2012年10月17日 | シンセサイザー
 「私の宝物」と題して自分の持っている(いた)いろいろなものを紹介していると、何だか欲しいものを手当たり次第に買いまくっているような印象を読み手に与えているかもしれない。実際には、働いてから給料の大半を趣味に費やしたということで、ローンを組んだり、買うために貯めたりとの苦労はあったのだ。決して自分が金持ちで自慢している訳ではない。だから、今日のシンセサイザーの話も、10年以上を経て揃えたものだが、一気に述べると次のようになる。

 私はシンセサイザー、いわゆる鍵盤付きのキーボードを3台所有している。最初に買ったのがヤマハDX7、2台目がローランドαJuno2(写真上)、そして3台目が同じくローランドのD-70(写真下)である。その他、鍵盤なしの音源としてはローランドU-110、ヤマハQY300(音源付きのシーケンサー)などもあるのだが、U-110は処分してしまった。

 DX7は初リリースの頃、店頭で見て聞いてさわって、これは素晴らしいシンセだと実感した。実際、それまでにはないFM音源による音色はその後一斉を風靡するキラキラした金属音やエレピ風の音など、たぐいまれなモノであった。早速予約をし、実際に手に入るまでかなりの期間を待たされたと思う。しかし、購入後は16音も和音が発信され、多彩な音色、エディットやプリセットも可能ということで、長期間これ1台を愛用した。

 その後、知り合いがローランドのJuno106を持っていて、少しの間借りて使用したところ、MIDIで繋げて同時に弾く(例えばDXのブラスとJunoのストリングス)と、デジタルとアナログの音が絶妙に重なった素晴らしい音色となることがわかり、このことがαJunoを購入するきっかけとなったのである。Juno106の特にパッド系の音は、本当に素晴らしかった。αの方はそこまでではないとしても、ローランドらしいアナログサウンドでストリングス系の音色はとても暖かく良い音であった。

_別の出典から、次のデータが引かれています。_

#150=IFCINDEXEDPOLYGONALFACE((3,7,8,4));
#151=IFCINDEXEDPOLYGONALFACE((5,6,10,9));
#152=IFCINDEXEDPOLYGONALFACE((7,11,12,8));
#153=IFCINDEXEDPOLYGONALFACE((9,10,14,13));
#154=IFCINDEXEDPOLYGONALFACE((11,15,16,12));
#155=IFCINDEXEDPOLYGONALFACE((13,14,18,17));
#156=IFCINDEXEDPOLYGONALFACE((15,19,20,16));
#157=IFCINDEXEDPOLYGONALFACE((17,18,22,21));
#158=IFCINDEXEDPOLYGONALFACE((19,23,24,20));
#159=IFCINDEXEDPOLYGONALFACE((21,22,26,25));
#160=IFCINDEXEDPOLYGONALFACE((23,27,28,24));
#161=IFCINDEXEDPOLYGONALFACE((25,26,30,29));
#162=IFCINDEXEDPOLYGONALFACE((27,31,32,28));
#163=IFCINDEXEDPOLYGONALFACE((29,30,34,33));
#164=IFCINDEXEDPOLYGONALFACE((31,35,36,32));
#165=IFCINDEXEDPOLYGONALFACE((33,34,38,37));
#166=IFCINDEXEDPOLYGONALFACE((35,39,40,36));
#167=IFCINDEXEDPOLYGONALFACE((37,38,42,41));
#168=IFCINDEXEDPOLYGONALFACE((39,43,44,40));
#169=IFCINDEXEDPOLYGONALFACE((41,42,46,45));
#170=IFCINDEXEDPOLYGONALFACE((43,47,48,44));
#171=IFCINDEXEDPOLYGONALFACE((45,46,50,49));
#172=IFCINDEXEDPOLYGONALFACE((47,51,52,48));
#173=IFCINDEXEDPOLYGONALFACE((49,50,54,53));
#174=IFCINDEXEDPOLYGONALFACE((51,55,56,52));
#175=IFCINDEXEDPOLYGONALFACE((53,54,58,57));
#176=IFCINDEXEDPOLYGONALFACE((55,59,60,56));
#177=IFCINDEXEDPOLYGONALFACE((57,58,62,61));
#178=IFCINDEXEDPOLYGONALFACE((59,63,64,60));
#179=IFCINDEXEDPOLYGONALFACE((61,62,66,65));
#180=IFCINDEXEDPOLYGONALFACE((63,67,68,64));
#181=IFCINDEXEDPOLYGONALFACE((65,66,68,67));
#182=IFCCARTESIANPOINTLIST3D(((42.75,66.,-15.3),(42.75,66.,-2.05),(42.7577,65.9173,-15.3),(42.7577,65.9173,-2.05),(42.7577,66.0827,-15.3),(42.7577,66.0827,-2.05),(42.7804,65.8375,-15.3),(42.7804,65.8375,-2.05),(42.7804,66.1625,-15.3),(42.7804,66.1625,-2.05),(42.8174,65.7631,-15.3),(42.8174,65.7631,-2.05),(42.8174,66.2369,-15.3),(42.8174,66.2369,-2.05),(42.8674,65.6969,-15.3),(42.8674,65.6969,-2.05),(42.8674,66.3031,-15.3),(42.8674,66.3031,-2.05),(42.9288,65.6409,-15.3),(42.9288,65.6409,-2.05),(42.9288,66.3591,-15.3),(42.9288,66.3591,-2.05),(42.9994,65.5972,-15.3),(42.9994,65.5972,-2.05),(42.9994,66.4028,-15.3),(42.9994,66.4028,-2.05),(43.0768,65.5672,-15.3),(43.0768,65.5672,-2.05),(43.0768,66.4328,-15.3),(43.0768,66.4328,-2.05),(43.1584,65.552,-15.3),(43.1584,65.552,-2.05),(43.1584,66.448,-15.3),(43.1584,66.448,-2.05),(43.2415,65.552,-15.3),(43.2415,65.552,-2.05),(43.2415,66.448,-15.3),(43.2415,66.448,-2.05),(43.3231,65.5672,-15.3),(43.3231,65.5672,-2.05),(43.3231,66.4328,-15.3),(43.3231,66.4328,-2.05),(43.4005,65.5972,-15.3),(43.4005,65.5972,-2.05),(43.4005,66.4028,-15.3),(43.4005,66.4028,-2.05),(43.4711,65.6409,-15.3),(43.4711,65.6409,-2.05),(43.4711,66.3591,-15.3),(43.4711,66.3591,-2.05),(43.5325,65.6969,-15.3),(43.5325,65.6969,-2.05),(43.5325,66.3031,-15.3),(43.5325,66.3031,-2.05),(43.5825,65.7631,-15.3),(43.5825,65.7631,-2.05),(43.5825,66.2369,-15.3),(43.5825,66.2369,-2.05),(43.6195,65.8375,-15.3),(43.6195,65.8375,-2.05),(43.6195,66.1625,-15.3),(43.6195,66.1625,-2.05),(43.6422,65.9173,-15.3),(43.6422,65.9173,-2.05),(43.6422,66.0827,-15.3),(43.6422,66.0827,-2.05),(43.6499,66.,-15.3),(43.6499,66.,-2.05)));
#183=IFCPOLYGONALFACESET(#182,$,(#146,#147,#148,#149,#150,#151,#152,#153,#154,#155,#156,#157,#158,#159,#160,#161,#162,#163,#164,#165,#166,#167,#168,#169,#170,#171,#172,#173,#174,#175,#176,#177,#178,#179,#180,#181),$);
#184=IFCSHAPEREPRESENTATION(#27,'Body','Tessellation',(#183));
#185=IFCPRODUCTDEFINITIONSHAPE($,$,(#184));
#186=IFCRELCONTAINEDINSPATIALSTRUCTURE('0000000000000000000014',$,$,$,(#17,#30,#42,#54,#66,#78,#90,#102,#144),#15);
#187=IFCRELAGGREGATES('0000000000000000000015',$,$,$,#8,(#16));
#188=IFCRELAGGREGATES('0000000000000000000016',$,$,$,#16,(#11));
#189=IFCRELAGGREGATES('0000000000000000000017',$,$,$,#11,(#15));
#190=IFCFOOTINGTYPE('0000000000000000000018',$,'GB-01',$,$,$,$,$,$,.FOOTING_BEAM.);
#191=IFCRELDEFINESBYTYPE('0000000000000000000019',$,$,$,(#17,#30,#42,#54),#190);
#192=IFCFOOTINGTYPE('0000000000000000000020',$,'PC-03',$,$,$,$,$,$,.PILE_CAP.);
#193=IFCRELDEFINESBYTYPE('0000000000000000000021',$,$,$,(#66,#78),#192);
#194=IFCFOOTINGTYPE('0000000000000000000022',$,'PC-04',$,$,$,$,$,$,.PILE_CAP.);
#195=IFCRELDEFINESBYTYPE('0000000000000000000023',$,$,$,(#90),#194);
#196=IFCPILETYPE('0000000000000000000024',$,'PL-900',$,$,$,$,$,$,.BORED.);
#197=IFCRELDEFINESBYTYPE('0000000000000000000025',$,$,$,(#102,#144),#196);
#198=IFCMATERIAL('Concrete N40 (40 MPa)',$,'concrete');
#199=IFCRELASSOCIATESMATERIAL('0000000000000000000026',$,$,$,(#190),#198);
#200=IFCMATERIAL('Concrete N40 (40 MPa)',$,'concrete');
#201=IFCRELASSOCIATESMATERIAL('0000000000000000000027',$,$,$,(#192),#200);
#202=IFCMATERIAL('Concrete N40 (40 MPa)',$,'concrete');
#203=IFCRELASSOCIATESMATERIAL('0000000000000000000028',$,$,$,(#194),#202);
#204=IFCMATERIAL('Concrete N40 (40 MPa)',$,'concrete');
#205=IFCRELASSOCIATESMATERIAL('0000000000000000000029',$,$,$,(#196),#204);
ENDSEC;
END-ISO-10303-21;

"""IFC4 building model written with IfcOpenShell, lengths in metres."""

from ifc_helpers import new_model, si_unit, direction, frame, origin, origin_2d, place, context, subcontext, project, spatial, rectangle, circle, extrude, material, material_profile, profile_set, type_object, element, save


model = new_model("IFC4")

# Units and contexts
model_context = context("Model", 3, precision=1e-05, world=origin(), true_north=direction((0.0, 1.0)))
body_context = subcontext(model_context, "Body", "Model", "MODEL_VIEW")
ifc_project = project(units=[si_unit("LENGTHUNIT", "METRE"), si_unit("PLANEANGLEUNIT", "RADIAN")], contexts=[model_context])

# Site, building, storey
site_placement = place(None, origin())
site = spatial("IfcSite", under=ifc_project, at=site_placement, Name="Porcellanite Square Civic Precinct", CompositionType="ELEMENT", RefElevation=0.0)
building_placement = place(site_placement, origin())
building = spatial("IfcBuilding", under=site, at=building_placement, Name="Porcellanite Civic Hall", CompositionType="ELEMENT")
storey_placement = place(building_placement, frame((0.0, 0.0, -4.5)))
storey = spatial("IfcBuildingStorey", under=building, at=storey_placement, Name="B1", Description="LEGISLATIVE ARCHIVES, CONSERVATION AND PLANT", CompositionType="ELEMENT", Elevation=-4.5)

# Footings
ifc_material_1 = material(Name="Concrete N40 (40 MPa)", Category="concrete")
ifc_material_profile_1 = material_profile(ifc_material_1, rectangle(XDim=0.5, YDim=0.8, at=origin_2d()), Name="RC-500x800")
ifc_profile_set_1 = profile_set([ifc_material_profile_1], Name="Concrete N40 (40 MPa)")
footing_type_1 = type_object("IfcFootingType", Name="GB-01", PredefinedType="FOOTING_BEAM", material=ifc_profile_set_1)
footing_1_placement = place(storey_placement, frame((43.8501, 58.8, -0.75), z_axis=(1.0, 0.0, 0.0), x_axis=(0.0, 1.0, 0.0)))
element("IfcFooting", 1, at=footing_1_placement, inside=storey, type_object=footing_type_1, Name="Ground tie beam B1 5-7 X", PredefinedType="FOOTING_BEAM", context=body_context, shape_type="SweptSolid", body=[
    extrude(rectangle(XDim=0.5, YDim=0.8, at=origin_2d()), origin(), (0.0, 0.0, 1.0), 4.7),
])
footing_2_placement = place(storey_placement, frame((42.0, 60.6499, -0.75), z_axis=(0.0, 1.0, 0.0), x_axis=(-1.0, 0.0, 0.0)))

 D-70は76鍵盤の当時としては高級なシンセだった。それにも拘わらず購入してしまったのは、その音色の美しさだった。重厚なアコースティック・ピアノから女声コーラス風のパッド音まで自分好みの音が溢れていた。中でもPrologueというプリセット音は、プログレバンドUKの「アラスカ」という曲の音とそっくりで、これだけで1曲できてしまったほどである。そして発信音がダブルになっているらしく、とてもリッチで重い音を出してくれる。さらに、前述のU-110に使う音色カードがこの楽器にも使え、音色的拡張性があった。大変弾きがいのある楽器である。

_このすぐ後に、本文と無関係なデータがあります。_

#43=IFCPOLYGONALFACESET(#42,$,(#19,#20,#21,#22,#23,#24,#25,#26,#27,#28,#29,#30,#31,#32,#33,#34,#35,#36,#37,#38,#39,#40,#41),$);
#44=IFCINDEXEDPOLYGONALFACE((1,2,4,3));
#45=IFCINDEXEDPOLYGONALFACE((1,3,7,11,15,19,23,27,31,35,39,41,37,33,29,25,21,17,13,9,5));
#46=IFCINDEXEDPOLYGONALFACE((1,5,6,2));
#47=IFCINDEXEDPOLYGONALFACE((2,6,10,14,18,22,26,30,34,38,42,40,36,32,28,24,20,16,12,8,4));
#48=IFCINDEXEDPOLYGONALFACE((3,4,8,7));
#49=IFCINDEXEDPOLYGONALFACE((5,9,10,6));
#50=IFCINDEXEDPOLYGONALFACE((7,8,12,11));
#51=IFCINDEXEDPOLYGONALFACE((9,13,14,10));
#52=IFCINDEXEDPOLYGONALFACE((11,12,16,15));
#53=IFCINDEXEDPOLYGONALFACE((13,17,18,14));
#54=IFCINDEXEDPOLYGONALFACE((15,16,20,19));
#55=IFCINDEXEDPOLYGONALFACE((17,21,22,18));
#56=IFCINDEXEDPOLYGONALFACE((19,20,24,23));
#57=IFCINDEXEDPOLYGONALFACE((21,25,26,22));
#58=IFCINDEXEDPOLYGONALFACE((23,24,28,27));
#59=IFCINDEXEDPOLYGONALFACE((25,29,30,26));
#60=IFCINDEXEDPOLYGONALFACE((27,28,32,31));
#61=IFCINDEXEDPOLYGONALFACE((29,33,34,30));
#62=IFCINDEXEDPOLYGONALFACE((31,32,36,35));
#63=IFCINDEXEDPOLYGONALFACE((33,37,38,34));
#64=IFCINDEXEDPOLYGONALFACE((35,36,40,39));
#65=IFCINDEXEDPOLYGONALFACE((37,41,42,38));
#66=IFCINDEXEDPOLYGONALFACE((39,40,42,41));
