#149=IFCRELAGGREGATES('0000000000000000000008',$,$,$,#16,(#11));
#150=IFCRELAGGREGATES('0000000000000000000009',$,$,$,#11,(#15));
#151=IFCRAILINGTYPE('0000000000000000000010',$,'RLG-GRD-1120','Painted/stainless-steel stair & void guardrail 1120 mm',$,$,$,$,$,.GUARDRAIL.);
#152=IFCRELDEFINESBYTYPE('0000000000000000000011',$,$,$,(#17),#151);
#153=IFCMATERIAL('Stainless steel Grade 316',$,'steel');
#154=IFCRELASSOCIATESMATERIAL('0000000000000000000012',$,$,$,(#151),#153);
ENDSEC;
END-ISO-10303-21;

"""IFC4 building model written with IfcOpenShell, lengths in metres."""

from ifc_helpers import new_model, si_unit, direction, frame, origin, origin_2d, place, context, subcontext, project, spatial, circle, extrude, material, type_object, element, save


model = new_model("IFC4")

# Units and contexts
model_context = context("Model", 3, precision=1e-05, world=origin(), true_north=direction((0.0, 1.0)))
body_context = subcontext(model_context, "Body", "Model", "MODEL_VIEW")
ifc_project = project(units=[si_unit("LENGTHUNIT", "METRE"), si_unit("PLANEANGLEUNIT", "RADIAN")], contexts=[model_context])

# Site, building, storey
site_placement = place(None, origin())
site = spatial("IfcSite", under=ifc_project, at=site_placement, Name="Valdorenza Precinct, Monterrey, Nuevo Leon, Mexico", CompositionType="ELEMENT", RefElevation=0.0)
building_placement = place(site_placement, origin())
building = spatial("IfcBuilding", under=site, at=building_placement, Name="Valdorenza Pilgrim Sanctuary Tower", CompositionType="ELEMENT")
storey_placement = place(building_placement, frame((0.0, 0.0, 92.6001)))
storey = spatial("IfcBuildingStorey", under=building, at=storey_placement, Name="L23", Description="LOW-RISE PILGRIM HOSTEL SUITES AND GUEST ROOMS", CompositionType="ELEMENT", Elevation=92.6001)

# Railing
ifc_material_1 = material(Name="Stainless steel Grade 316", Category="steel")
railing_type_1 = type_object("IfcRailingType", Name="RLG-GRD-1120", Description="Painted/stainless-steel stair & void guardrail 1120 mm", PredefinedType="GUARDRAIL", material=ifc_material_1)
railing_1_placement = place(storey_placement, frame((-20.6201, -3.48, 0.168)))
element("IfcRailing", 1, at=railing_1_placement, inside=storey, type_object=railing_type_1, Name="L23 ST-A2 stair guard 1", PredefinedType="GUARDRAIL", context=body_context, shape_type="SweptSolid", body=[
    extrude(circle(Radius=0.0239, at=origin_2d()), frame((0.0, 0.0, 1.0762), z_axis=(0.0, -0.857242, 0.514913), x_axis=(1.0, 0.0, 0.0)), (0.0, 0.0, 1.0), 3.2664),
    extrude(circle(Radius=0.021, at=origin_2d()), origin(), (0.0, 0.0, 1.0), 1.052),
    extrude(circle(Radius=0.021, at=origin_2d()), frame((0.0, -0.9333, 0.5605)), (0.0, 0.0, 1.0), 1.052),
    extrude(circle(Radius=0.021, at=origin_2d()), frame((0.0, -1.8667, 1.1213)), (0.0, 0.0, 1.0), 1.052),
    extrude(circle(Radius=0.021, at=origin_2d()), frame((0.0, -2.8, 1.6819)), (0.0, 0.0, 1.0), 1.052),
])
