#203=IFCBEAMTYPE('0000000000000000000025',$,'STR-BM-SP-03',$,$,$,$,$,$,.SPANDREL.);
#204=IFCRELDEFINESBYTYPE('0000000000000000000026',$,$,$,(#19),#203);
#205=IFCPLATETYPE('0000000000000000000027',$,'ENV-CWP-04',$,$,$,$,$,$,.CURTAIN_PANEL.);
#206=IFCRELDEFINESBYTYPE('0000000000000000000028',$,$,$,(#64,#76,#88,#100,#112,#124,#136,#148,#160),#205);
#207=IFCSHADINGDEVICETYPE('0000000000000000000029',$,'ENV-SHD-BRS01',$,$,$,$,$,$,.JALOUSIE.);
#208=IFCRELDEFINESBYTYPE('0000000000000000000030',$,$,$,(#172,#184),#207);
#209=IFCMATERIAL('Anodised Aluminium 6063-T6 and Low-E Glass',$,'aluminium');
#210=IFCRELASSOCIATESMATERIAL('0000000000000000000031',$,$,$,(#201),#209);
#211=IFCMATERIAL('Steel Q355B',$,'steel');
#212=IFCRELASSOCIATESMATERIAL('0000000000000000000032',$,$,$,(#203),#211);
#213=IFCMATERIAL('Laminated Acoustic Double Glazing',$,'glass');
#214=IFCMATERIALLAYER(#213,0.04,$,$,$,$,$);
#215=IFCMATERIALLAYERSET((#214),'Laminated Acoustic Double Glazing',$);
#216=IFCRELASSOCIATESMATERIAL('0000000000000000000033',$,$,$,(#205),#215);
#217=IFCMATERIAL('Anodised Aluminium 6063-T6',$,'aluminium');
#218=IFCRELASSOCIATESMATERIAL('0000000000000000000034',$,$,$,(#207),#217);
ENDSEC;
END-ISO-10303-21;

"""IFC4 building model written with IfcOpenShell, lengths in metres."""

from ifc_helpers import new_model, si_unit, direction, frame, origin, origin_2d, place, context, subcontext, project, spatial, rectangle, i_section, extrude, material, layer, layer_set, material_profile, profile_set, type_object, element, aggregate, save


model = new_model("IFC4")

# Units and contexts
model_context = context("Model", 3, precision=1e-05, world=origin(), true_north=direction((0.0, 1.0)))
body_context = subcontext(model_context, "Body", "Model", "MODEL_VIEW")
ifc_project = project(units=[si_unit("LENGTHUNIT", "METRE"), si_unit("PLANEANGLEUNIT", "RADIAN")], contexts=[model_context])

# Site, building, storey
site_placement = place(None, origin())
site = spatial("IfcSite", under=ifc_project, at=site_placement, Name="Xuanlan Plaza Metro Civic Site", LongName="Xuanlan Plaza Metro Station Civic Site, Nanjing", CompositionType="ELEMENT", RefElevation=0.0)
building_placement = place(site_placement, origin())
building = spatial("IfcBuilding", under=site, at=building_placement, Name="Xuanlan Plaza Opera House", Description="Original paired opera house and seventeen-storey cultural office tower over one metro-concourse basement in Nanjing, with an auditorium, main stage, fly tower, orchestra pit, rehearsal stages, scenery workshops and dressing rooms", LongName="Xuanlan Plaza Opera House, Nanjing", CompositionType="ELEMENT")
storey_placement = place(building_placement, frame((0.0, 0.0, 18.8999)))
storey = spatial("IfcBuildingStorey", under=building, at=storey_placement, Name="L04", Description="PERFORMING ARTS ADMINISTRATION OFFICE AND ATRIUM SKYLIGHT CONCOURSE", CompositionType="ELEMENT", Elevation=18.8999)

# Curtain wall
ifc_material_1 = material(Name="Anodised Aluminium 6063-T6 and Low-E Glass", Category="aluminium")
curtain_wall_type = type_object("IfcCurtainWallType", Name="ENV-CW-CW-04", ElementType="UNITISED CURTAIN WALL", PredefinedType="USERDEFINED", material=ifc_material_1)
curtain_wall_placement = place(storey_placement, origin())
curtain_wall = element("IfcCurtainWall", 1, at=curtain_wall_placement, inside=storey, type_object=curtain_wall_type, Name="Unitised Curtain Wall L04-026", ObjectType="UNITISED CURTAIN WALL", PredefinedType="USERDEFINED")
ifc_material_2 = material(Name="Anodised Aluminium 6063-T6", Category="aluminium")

 難を言えば、数年してから内部からブーンというハム音?がしていてうるさい。機械だからある程度は仕方ないのかもしれないが、ヤマハではそのようなことがなかったのでどうしても比較してしまう。自分で音づくりもできるのだが、ちょっと難しい。が、プリセット音だけで充分遊べるシンセだと思う。現在は息子の部屋にその大きな身体を君臨させている。